- Born: Theodore Russell Weiss December 16, 1916 Reading, Pennsylvania, U.S.
- Died: April 15, 2003 (aged 86) Princeton, New Jersey, U.S.
- Education: Muhlenberg College Columbia University
- Occupations: Poet; editor;
- Spouse: Renee Karol Weiss
- Writing career
- Notable awards: Shelley Memorial Award (1989)

= Theodore Weiss (poet) =

American poet (1916–2003)

Theodore Russell Weiss (December 16, 1916 Reading, Pennsylvania – April 15, 2003 Princeton, New Jersey) was an American poet, and literary magazine editor.

==Life==
He graduated from Muhlenberg College in 1938 and Columbia University in 1940. He was an instructor at the University of Maryland, College Park, the University of North Carolina, Yale University, and Bard College.
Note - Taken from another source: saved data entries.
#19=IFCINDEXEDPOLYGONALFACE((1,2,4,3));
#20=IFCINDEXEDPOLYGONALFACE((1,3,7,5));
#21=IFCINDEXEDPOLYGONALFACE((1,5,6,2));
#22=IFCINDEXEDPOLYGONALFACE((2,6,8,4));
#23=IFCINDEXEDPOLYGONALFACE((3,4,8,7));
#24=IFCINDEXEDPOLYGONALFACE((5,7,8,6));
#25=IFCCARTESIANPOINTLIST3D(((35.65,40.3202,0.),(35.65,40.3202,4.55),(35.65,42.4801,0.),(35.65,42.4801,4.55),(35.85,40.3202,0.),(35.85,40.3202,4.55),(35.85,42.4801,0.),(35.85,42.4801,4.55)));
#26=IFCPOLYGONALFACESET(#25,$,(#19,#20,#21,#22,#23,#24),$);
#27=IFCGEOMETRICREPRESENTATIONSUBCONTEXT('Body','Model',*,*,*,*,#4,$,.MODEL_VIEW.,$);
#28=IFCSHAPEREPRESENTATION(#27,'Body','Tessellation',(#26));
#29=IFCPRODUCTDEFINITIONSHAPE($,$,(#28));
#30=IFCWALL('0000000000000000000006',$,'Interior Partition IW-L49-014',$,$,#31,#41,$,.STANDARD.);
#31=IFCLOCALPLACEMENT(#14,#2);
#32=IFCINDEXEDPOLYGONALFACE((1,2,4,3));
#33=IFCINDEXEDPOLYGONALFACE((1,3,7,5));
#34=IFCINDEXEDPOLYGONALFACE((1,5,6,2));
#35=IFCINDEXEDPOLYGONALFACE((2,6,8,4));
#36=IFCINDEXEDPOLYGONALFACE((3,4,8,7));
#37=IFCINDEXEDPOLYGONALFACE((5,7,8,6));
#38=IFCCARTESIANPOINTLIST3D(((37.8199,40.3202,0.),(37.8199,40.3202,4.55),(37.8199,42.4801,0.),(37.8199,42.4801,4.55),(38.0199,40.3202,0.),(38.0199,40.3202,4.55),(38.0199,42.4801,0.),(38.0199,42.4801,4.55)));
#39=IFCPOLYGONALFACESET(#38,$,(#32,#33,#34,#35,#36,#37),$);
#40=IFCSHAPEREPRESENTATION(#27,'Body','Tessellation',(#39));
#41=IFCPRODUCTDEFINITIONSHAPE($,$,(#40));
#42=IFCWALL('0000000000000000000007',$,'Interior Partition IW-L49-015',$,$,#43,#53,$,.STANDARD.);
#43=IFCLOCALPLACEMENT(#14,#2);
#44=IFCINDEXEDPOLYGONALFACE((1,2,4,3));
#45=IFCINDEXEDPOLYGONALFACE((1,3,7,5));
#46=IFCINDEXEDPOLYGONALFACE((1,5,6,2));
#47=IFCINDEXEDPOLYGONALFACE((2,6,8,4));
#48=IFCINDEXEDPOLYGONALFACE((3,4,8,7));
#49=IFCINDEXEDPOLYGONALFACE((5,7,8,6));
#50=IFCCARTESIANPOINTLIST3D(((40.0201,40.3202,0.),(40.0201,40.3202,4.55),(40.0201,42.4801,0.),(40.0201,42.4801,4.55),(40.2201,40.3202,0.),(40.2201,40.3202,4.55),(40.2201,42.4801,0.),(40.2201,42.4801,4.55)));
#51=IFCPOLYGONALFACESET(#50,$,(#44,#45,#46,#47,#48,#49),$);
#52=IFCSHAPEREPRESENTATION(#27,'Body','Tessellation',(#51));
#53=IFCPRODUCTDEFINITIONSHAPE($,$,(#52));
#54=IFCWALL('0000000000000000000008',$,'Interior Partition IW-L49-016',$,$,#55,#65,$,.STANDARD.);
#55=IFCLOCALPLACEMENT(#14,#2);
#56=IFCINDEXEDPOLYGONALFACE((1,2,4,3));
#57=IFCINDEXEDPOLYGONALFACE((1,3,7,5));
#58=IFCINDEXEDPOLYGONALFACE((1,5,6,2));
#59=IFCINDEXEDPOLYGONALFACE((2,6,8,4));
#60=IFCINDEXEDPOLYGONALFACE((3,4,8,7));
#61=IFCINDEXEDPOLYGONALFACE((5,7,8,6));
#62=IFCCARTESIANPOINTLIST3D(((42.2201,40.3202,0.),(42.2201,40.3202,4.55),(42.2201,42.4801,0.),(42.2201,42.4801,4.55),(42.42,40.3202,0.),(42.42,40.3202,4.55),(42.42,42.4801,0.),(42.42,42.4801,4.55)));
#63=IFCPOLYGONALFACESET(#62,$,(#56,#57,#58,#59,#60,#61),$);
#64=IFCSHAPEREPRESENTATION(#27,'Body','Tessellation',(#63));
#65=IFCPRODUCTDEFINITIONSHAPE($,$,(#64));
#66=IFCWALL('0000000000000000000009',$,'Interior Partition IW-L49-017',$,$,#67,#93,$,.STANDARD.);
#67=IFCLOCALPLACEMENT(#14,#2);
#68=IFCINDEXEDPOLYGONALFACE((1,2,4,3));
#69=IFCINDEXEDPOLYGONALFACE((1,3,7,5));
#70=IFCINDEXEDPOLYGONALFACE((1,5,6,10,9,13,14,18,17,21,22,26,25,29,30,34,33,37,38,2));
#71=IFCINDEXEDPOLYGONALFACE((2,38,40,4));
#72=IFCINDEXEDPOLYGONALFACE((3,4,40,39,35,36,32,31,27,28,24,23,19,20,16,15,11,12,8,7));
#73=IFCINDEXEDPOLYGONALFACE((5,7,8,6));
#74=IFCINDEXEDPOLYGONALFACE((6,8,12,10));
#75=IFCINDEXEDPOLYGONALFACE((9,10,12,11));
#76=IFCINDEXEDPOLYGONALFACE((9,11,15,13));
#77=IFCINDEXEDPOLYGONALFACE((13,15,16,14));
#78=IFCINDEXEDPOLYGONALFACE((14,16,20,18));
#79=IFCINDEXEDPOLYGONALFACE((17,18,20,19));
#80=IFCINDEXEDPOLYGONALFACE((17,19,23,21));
He taught at Princeton University, until retirement in 1987.

He edited (with his wife, Renee Karol Weiss) Quarterly Review of Literature, which published William Carlos Williams, Wallace Stevens, E. E. Cummings, and Ezra Pound.
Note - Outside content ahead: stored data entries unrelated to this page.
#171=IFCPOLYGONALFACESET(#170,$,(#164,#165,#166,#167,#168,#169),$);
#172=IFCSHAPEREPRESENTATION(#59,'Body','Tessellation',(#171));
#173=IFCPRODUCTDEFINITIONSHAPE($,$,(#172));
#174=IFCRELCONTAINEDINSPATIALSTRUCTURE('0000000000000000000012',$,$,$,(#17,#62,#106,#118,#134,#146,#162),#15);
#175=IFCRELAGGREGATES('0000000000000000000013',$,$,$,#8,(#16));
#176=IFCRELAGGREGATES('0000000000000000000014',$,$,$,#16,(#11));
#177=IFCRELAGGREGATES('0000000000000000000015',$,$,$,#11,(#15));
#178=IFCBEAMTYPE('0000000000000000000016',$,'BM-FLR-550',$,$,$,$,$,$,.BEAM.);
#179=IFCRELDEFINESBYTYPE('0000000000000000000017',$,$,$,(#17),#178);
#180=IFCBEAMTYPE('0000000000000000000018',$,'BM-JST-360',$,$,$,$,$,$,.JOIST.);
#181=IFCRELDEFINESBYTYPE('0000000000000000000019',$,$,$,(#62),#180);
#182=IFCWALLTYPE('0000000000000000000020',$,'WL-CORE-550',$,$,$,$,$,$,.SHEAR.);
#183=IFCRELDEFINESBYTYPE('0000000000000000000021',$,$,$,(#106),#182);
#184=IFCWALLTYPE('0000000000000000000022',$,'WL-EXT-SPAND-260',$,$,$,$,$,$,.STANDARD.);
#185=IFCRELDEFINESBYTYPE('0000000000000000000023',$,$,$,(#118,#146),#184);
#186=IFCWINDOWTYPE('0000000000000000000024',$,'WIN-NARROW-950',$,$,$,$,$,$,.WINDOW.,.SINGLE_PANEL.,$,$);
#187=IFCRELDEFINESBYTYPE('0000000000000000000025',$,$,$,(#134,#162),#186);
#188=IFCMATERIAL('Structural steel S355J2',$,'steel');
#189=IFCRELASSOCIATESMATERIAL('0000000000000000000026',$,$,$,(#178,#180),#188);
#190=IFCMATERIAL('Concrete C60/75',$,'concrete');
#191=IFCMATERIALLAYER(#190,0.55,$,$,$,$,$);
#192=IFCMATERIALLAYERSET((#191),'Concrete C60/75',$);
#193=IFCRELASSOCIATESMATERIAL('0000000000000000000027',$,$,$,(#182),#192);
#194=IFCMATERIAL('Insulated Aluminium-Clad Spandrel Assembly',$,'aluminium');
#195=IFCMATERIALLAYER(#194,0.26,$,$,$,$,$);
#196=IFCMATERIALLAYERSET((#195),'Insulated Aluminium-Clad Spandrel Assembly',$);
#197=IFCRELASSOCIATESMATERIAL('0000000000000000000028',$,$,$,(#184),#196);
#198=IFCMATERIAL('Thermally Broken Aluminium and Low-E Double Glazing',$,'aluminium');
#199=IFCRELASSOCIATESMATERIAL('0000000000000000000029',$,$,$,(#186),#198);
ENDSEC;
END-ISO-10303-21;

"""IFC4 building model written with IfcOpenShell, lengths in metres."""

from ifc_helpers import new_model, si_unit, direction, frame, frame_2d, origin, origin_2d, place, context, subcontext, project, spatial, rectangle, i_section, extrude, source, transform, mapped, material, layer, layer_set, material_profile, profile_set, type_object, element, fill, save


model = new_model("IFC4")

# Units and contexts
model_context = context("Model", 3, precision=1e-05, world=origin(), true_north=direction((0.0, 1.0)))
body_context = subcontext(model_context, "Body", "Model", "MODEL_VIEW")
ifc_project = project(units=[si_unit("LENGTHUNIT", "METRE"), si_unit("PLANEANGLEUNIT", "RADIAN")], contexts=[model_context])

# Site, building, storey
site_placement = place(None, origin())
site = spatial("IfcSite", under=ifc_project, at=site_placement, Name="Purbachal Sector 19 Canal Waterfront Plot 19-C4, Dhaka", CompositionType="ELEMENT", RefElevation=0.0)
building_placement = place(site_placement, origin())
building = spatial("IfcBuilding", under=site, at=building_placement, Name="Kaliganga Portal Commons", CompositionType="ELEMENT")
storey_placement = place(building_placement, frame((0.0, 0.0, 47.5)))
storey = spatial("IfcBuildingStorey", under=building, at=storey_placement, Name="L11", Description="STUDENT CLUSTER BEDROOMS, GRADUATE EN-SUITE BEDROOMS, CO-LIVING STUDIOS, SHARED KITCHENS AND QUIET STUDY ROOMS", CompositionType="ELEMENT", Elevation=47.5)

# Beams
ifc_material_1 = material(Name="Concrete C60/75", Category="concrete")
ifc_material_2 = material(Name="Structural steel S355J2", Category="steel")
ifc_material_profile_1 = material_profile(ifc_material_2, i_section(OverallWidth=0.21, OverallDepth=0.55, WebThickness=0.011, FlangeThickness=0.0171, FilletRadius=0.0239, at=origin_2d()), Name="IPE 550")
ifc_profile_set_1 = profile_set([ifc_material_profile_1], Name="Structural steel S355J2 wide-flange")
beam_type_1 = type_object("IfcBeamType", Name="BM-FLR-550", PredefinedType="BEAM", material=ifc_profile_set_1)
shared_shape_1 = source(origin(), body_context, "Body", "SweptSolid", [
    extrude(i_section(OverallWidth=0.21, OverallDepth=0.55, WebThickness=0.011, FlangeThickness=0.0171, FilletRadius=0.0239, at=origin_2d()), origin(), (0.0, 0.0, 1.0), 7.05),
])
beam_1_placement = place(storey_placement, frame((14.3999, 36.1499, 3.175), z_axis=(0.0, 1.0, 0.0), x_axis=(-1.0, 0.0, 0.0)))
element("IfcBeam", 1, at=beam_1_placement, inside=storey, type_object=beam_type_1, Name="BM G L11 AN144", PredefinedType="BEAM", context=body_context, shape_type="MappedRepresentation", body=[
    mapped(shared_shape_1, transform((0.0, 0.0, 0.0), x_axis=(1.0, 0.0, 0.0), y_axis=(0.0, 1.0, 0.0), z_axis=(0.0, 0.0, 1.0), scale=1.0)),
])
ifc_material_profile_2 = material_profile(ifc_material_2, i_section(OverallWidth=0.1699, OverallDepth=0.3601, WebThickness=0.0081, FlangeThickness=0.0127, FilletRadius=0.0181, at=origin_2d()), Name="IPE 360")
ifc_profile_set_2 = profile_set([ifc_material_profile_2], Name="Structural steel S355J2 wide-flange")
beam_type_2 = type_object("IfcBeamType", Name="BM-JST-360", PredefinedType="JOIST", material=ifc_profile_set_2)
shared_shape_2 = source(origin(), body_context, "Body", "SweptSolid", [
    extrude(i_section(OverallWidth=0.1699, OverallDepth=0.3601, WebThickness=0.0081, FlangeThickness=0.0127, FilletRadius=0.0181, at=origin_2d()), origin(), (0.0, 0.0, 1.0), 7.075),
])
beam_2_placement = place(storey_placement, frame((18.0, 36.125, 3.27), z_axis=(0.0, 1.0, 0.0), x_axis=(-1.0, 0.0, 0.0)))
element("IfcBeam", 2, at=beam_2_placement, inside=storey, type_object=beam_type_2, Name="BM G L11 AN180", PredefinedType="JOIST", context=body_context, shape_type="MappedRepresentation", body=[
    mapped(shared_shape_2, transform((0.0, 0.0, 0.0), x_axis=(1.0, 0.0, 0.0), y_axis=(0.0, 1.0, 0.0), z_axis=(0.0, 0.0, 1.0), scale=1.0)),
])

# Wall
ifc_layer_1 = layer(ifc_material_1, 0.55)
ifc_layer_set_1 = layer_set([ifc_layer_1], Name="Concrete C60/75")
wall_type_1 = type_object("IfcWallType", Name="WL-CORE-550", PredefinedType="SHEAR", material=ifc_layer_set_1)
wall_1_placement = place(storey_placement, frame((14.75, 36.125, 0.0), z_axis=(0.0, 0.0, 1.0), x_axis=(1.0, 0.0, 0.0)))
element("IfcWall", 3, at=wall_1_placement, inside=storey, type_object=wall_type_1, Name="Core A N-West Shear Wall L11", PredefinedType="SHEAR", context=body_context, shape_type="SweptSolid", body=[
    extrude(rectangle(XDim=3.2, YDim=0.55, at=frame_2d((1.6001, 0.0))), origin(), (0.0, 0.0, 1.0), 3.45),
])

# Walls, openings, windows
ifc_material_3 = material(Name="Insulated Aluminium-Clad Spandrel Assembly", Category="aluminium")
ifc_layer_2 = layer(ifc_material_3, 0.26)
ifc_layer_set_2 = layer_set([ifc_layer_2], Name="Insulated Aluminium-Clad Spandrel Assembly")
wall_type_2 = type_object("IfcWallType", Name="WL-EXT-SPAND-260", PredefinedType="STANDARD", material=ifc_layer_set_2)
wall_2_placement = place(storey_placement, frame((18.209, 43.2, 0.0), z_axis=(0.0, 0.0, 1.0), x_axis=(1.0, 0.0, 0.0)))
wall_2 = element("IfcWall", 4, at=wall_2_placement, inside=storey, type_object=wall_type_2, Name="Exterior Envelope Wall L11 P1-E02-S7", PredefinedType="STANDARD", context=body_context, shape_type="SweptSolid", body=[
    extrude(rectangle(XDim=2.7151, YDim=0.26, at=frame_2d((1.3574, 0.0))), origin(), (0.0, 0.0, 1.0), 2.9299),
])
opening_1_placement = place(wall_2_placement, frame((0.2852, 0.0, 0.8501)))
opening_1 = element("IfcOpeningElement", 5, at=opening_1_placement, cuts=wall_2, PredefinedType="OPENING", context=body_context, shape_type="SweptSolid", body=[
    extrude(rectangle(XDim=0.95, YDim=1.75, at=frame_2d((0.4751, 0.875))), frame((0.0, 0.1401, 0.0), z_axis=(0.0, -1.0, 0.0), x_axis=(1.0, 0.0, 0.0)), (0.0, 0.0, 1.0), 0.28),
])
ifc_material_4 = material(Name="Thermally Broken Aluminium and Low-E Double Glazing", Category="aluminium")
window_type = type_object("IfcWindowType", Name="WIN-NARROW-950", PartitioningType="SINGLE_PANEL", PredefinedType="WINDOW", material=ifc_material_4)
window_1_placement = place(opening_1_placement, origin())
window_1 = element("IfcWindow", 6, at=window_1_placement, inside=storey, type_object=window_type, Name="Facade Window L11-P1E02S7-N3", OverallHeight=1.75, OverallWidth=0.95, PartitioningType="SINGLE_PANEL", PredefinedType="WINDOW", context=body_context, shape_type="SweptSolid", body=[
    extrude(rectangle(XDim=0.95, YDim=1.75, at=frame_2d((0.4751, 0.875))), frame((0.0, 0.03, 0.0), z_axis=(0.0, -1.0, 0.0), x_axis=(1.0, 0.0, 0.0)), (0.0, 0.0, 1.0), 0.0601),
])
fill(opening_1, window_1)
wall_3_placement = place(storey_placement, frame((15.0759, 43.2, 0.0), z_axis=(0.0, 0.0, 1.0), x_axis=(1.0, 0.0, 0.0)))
In 1987, he was the subject of a documentary, Living Poetry: A Year in the Life of a Poem, made by Harvey Edwards.

==Awards==
- 1956 Wallace Stevens Award
- 1977 Brandeis Creative Arts Award in Poetry
- 1988-89 Poetry Society of America's Shelley Memorial Award
- 1997 Oscar Williams and Gene Durwood Award for Poetry
- 1997 PEN/Nora Magid Lifetime Achievement Award
- Guggenheim fellowship
- Ford Foundation fellowship
- National Foundation of the Arts and Humanities fellowship
- Ingram Merrill Foundation fellowship

==Works==

===Poetry===
- The World Before Us: Poems, 1950-1970 (Macmillan, 1970)
- Fireweeds (Macmillan, 1976),
- A Slow Fuse: New Poems (Macmillan, 1984)
- A Sum of Destructions (Louisiana State University Press, 1995),

===Essays===
- The Breath of Clowns and Kings (Atheneum, 1971), a study of Shakespeare's early comedies and histories
- The Man From Porlock: Engagements, 1944-1981 (Princeton University Press, 1982), a collection of essays.

===Edited===
- Selections From the Notebooks of Gerard Manley Hopkins (New Directions, 1945).